Putting Consistency Back into Eventual Consistency (2015)

Many distributed databases geo-replicate data for (i) lower read latency and (ii) higher fault tolerance in the face of an extreme failure (e.g. lightning striking a data center). Implementing strong consistency over a geo-replicated system can incur tremendous write latency, as updates have to coordinate between geographically distant data centers. On the other hand, weak consistency is a real brain buster. This paper introduces a new consistency model between weak and strong consistency, explicit consistency, which takes into account user specified invariants. It also presents an explicitly consistent system which

  1. performs static analysis to determine which operations can be executed without coordination,
  2. uses invariant-repair or violation-avoidance to resolve or avoid conflicts, and
  3. instruments user code with calls to middleware.

The system is called Indigo and is built on an existing causally consistent key-value store with various properties.

Explicit Consistency. A database is a collection of objects replicated across data centers. Users issue reads and writes as part of transactions, and these transactions are asynchronously replicated between data centers. We denote by t(S) the database state achieved by applying transaction t to database state S. S_n is the database state achieved after the nth transaction. That is, S_n = t_n(...(t_1(t_init))...). T(S_n) = {t_1, ..., t_n} is the set of transactions used to create S_n. We say a transaction t_a happens before a transaction t_b, denoted t_a --> t_b, if t_a is in T(S_b). O = (T, -->) is a partial order. O' = (T, <) is a serialization of O if < is total and respects -->.

Given an invariant I, we say S is I-valid if I(S) = true. (T, <) is an I-valid serialization if I holds on all prefixes of the serialization. If a system ensures that all serializations are I-valid, it provides explicit consistency. In other words, an explicitly consistent database ensures invariants always hold. This builds off of Bailis et al.'s notion of invariant-confluence.

Determining I-offender Sets. An invariant is a universally quantified first order logic formula in prenex normal form. The invariant can include uninterpreted functions like Player(P) and enrolled(P, T).

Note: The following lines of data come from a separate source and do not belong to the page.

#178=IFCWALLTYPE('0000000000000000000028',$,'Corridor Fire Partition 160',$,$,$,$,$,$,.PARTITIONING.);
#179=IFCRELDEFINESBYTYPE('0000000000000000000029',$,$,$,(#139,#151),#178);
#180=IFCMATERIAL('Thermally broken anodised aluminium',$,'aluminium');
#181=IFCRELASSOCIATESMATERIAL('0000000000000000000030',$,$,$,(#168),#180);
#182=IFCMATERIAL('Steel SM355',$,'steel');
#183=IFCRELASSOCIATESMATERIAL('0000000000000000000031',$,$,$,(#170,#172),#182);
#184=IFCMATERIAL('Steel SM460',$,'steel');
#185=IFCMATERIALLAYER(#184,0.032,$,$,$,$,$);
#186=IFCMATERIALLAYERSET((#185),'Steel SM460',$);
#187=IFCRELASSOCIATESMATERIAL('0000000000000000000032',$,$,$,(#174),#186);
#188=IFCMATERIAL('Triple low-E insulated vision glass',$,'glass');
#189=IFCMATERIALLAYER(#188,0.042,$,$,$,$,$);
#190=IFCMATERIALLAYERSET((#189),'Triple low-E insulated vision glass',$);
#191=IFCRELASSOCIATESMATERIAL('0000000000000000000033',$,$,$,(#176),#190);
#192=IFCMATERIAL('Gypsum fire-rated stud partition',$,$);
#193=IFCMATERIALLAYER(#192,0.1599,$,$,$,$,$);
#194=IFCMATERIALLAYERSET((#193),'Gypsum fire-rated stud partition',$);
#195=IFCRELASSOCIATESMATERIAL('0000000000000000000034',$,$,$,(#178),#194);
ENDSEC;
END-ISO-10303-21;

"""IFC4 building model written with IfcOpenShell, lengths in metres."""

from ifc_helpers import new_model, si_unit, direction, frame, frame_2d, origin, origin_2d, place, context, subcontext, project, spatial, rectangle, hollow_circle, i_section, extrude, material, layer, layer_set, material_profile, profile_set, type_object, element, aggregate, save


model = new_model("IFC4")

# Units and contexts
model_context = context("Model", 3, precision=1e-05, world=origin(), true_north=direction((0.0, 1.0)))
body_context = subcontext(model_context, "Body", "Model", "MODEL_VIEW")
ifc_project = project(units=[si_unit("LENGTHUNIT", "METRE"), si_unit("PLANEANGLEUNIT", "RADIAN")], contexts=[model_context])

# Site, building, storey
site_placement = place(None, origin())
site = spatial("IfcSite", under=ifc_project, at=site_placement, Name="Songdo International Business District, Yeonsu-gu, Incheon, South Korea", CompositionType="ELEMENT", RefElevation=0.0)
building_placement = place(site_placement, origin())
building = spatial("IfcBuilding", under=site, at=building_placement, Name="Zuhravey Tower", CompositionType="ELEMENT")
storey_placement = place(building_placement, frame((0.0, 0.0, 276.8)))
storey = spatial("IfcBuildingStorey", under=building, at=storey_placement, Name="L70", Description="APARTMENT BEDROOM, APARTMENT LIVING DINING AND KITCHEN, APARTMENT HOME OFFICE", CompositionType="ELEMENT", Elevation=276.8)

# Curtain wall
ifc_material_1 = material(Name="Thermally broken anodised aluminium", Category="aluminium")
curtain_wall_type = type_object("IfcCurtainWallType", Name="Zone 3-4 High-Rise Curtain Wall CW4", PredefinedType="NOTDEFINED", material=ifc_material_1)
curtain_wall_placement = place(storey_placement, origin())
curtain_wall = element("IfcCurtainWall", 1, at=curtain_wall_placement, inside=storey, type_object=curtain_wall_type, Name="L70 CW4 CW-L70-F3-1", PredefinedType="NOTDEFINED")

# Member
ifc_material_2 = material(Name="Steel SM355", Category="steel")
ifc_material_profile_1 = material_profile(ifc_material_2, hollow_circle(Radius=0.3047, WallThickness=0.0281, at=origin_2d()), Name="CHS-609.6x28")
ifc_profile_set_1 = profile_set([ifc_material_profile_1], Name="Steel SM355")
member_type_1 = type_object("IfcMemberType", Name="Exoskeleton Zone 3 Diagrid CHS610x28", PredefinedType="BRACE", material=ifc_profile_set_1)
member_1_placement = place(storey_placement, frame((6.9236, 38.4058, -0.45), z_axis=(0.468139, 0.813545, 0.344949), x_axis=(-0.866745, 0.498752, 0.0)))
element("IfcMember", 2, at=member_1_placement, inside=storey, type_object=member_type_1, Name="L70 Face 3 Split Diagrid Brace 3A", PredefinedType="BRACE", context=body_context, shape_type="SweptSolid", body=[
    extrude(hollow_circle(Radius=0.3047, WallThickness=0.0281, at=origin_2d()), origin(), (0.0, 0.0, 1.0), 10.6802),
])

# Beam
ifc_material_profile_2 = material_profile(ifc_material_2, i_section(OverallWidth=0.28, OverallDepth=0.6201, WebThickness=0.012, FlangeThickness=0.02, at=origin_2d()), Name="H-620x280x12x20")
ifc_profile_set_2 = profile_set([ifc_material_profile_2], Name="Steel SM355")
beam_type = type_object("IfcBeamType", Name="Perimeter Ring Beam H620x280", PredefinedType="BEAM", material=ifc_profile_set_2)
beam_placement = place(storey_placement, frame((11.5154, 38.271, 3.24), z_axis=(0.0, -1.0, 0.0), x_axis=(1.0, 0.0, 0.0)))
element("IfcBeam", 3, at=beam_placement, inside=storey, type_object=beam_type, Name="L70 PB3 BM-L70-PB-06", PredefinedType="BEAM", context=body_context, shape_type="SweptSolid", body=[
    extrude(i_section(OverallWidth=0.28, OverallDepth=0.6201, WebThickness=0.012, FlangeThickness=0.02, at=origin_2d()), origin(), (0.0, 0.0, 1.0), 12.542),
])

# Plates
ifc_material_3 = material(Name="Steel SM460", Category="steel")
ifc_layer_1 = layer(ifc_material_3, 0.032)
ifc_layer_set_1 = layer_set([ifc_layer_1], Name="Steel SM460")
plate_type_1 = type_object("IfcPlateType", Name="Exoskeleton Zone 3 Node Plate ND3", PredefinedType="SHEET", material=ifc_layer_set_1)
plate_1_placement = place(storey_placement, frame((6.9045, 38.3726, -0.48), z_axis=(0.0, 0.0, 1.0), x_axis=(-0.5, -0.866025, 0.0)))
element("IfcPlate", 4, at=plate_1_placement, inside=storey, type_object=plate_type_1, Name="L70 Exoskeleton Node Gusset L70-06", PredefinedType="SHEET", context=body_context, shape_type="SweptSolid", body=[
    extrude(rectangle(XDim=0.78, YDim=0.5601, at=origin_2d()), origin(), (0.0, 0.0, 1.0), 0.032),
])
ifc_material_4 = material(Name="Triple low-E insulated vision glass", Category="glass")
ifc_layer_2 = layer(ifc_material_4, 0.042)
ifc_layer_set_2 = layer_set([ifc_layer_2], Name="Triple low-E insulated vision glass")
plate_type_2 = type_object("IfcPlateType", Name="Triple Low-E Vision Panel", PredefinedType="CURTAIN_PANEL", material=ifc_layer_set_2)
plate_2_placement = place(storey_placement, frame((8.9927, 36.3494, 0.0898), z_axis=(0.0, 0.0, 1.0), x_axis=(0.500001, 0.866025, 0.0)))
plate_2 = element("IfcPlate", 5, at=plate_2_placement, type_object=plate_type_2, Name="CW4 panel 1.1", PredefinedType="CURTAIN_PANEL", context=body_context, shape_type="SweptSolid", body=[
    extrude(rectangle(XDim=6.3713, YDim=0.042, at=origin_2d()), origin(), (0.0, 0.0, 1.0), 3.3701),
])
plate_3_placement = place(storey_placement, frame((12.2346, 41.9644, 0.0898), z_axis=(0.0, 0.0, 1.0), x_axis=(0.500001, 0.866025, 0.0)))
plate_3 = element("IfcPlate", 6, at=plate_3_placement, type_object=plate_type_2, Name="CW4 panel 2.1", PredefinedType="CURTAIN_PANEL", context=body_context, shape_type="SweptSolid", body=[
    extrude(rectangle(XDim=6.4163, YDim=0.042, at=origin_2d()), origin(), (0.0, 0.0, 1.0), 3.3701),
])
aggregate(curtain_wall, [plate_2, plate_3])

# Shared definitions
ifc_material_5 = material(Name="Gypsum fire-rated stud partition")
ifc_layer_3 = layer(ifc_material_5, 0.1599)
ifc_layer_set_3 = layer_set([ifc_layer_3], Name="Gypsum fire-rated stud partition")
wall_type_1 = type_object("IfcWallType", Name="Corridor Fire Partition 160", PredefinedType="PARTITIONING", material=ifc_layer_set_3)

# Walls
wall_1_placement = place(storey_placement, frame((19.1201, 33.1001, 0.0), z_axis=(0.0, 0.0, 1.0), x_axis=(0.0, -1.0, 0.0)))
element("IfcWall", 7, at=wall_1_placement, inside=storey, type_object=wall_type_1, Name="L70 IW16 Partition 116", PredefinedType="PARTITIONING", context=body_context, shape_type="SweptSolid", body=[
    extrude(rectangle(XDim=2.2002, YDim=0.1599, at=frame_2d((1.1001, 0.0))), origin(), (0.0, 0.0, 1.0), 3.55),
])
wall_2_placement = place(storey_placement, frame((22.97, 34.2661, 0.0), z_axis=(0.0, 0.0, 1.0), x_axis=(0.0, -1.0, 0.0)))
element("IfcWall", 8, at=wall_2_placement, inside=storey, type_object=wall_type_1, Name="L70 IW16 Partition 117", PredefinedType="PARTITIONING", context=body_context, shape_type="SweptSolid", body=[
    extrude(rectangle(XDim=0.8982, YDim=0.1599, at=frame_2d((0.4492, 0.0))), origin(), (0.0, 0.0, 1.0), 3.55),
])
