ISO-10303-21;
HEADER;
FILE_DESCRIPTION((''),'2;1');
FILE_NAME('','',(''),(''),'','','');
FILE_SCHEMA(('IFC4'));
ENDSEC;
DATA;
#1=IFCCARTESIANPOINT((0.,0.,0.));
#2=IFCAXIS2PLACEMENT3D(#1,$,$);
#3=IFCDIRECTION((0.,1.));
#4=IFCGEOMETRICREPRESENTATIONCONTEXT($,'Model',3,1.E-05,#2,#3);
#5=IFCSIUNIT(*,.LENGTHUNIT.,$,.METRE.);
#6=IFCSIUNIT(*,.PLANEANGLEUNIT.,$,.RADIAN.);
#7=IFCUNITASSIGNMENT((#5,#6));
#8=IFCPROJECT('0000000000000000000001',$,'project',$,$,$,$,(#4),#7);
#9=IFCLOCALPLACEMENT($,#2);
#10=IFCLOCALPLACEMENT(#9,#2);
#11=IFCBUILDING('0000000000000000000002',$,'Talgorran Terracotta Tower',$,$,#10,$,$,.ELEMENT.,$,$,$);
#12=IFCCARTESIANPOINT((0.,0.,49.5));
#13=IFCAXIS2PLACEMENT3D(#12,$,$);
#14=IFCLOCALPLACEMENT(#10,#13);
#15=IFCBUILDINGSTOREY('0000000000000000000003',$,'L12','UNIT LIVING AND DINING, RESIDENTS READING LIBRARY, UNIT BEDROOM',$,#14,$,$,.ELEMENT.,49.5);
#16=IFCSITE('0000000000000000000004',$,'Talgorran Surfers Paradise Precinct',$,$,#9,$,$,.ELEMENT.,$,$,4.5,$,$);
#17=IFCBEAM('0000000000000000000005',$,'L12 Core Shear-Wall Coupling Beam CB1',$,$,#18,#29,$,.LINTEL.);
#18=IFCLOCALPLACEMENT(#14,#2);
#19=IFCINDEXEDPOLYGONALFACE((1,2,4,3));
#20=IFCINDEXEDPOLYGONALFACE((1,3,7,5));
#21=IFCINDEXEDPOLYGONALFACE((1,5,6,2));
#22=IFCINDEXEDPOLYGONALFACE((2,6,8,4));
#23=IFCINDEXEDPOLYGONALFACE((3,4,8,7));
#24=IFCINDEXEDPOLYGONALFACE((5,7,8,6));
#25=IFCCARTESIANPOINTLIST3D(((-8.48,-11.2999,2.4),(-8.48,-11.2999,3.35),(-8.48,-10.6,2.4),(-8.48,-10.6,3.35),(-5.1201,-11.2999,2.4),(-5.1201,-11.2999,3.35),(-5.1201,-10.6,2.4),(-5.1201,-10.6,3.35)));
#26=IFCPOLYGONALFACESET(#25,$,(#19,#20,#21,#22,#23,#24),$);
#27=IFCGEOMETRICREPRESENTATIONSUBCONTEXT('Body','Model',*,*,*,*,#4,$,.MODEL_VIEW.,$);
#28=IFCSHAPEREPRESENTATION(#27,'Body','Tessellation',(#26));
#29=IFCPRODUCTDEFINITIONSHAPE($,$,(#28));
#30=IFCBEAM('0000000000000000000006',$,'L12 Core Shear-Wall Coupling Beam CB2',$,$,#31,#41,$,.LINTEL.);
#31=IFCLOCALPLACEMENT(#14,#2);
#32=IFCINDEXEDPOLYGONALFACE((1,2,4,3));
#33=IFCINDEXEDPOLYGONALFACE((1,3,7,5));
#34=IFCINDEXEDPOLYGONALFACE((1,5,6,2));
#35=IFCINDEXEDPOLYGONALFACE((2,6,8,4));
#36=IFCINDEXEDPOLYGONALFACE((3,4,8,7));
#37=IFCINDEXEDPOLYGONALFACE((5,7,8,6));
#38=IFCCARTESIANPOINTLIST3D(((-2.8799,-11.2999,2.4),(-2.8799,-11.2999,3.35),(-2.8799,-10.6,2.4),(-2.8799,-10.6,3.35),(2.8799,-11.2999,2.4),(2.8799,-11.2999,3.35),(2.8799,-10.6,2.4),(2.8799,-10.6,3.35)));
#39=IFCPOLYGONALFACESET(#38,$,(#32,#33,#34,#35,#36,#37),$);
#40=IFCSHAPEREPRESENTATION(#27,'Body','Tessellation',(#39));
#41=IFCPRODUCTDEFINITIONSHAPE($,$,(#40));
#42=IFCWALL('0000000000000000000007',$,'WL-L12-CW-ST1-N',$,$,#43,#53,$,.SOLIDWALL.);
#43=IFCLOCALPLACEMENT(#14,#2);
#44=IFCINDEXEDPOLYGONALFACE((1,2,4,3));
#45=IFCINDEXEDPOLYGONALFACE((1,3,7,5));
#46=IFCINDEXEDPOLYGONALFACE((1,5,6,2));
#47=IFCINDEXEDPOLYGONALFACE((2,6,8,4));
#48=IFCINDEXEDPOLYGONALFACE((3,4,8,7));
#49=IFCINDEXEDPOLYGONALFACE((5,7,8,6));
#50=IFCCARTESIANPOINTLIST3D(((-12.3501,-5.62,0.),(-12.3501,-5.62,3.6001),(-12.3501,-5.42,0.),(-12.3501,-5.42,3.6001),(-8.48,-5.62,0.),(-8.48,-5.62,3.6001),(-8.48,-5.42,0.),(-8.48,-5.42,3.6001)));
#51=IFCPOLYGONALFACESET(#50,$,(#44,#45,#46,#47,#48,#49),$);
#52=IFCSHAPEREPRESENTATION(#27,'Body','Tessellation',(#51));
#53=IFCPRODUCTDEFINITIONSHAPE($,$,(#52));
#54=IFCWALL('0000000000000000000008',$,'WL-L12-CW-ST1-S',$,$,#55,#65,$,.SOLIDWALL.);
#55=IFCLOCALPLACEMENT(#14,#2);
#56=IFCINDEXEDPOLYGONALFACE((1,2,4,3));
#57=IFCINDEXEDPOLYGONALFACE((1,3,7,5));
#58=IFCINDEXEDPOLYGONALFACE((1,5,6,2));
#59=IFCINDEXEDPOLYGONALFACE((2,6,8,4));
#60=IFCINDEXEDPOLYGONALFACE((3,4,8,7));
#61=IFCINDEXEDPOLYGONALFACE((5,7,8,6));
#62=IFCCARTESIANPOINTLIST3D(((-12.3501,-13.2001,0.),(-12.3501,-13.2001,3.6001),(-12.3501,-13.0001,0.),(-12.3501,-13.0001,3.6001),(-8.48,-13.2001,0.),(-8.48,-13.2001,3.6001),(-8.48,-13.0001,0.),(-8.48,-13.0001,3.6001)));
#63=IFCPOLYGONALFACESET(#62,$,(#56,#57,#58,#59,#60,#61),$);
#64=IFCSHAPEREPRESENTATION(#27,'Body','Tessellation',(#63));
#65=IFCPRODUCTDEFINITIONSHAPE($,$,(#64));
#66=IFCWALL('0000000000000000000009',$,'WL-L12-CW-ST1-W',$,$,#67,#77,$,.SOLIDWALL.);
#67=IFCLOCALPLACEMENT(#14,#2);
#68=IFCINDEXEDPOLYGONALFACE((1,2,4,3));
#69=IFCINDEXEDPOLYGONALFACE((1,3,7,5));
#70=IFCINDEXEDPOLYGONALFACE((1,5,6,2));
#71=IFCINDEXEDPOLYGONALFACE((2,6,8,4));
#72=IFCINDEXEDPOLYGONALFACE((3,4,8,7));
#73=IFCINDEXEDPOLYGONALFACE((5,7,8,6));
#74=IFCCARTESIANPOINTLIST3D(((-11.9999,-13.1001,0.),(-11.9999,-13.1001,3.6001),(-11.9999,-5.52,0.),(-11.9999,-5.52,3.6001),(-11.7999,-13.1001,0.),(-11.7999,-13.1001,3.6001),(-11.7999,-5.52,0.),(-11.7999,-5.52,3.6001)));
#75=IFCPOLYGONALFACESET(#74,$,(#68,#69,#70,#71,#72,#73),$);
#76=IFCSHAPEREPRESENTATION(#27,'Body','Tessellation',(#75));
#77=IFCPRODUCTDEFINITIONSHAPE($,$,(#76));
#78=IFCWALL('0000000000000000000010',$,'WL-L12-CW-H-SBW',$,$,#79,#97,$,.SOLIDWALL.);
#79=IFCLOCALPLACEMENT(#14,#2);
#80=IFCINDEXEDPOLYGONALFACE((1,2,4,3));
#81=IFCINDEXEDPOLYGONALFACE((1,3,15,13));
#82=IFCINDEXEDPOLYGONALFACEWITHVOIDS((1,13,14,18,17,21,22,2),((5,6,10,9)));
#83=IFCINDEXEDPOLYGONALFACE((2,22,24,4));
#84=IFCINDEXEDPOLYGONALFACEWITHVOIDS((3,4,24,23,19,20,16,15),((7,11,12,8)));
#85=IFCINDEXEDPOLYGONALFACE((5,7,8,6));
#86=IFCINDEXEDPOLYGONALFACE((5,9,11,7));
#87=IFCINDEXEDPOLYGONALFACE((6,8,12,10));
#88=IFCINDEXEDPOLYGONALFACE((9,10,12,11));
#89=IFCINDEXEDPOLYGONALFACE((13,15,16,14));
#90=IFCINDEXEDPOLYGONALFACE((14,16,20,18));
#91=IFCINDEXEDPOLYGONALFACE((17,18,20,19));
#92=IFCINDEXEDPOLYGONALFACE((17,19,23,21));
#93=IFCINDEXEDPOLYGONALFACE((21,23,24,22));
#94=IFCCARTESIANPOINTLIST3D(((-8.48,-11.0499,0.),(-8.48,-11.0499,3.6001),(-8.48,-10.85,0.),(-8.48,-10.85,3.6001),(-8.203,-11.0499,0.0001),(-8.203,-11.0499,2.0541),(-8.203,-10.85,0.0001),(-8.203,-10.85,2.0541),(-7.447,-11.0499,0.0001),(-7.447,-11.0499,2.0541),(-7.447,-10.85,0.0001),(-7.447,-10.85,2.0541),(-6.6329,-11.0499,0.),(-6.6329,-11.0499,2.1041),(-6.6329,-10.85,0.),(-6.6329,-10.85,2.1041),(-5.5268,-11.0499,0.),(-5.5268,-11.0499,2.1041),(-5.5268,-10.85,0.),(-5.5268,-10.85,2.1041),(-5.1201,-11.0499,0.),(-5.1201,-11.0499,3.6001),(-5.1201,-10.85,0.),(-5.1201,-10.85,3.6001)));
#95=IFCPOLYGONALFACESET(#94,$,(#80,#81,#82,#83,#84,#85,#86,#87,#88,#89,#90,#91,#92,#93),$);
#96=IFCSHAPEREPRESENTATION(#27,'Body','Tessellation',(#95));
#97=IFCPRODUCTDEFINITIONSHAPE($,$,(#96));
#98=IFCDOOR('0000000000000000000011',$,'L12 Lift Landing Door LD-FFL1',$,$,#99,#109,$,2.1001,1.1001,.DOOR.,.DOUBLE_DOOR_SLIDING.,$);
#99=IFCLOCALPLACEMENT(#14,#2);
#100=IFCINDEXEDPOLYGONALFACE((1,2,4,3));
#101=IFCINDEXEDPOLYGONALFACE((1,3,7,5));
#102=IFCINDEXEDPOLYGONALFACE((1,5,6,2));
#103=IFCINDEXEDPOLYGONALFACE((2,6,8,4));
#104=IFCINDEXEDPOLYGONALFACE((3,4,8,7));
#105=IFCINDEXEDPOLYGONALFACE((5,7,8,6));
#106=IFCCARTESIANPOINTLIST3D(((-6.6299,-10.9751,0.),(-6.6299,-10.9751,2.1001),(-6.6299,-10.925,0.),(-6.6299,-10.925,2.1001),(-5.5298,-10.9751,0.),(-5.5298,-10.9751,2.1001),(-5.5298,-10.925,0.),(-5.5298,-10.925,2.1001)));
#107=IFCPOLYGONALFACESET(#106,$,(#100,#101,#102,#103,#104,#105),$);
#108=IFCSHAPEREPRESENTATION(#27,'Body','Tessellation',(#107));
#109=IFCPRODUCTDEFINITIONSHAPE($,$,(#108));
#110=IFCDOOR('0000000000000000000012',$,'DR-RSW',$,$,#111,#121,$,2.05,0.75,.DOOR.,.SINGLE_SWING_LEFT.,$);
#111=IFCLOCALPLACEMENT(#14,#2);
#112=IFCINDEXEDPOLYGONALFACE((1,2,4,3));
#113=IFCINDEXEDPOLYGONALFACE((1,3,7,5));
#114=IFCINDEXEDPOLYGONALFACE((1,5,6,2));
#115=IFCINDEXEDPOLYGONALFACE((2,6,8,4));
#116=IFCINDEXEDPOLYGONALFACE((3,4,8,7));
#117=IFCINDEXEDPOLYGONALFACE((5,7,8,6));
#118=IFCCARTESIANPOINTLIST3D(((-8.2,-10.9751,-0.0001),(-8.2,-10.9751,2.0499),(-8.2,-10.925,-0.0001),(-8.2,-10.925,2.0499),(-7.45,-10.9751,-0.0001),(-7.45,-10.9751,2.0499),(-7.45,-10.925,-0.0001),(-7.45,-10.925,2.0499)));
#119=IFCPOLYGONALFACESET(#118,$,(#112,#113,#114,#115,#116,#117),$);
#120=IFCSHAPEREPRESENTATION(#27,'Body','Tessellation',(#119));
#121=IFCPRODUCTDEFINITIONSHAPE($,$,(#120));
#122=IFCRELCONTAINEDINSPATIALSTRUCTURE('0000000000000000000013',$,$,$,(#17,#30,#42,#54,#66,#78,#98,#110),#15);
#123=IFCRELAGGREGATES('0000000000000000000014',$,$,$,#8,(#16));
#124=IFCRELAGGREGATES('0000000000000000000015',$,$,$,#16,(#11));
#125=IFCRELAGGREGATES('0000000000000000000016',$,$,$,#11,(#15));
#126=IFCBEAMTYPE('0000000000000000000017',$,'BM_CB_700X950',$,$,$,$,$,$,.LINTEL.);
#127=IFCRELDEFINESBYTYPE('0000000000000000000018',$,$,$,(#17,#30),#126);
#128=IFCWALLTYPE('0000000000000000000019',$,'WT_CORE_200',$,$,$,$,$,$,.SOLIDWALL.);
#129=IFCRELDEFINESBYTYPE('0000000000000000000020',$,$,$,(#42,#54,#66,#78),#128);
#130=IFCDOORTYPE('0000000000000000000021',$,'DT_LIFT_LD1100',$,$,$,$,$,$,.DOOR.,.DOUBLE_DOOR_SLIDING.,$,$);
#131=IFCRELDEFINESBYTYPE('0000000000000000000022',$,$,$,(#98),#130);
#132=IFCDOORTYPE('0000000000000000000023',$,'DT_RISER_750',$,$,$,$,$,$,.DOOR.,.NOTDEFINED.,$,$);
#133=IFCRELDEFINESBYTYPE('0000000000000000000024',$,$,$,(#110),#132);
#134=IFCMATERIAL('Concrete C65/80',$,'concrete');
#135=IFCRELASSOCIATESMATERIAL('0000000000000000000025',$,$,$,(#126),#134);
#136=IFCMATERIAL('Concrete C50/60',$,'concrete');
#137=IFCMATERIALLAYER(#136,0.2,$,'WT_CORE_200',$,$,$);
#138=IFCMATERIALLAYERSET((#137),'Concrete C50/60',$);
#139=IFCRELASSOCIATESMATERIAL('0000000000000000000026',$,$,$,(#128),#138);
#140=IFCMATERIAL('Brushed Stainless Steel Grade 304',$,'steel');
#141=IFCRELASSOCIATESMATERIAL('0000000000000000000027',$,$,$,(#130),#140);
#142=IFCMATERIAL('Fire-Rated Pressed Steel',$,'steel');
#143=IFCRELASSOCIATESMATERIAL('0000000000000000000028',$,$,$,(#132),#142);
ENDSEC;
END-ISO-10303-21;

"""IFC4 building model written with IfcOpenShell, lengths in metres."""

from ifc_helpers import new_model, si_unit, direction, frame, frame_2d, origin, origin_2d, place, context, subcontext, project, spatial, rectangle, extrude, material, layer, layer_set, material_profile, profile_set, type_object, element, fill, save


model = new_model("IFC4")

# Units and contexts
model_context = context("Model", 3, precision=1e-05, world=origin(), true_north=direction((0.0, 1.0)))
body_context = subcontext(model_context, "Body", "Model", "MODEL_VIEW")
ifc_project = project(units=[si_unit("LENGTHUNIT", "METRE"), si_unit("PLANEANGLEUNIT", "RADIAN")], contexts=[model_context])

# Site, building, storey
site_placement = place(None, origin())
site = spatial("IfcSite", under=ifc_project, at=site_placement, Name="Talgorran Surfers Paradise Precinct", CompositionType="ELEMENT", RefElevation=4.5)
building_placement = place(site_placement, origin())
building = spatial("IfcBuilding", under=site, at=building_placement, Name="Talgorran Terracotta Tower", CompositionType="ELEMENT")
storey_placement = place(building_placement, frame((0.0, 0.0, 49.5)))
storey = spatial("IfcBuildingStorey", under=building, at=storey_placement, Name="L12", Description="UNIT LIVING AND DINING, RESIDENTS READING LIBRARY, UNIT BEDROOM", CompositionType="ELEMENT", Elevation=49.5)

# Beams
ifc_material_1 = material(Name="Concrete C65/80", Category="concrete")
ifc_material_profile = material_profile(ifc_material_1, rectangle(XDim=0.7, YDim=0.95, at=origin_2d()), Name="RCCB700X950")
ifc_profile_set = profile_set([ifc_material_profile], Name="Concrete C65/80")
beam_type = type_object("IfcBeamType", Name="BM_CB_700X950", PredefinedType="LINTEL", material=ifc_profile_set)
beam_1_placement = place(storey_placement, frame((-8.48, -10.95, 2.875), z_axis=(1.0, 0.0, 0.0), x_axis=(0.0, 1.0, 0.0)))
element("IfcBeam", 1, at=beam_1_placement, inside=storey, type_object=beam_type, Name="L12 Core Shear-Wall Coupling Beam CB1", PredefinedType="LINTEL", context=body_context, shape_type="SweptSolid", body=[
    extrude(rectangle(XDim=0.7, YDim=0.95, at=origin_2d()), origin(), (0.0, 0.0, 1.0), 3.3599),
])
beam_2_placement = place(storey_placement, frame((-2.8799, -10.95, 2.875), z_axis=(1.0, 0.0, 0.0), x_axis=(0.0, 1.0, 0.0)))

A postcondition states how operations affect the truth values of the uninterpreted functions in invariants. Every operation is annotated with postconditions. A predicate clause directly alters the truth assignments of a predicate (e.g. not Player(P)). A function clause relates old and new database states (e.g. nrPlayers(T) = nrPlayers(T) + 1).

This language is rather expressive, as evidenced by multiple examples in the paper.

A set of transactions is an I-offender if it is not invariant-confluent. First, pairs of operations are checked to see if a contradictory truth assignment is formed (e.g. Player(P) and not Player(P)). Then, every pair of transactions is considered. Given the weakest liberal precondition of the transactions, we substitute the effects of the transactions into the invariant to get a formula. We then check for the validity of the formula using Z3. If the formula is valid, the transactions are invariant-confluent.

Handling I-offender Sets. There are two ways to handle I-offenders: invariant-repair and violation-avoidance. Invariant-repair involves CRDTs; the bulk of this paper focuses on violation-avoidance which leverages existing reservation and escrow transaction techniques.

There are many ways to use reservations to avoid invariant violations. Indigo uses heuristics and estimated operation frequencies to try and minimize reservation acquisitions.

Implementation. Indigo can run over any key-value store that offers (i) causally consistency, (ii) snapshot transactions with CRDTs, and (iii) linearizability within a data center. Currently, it uses Swiftcloud. Its fault tolerance leverages the underlying fault tolerance of the key-value store. Each reservation is stored as an object in the key-value store, where operations are structured as transfers to avoid some concurrency oddities.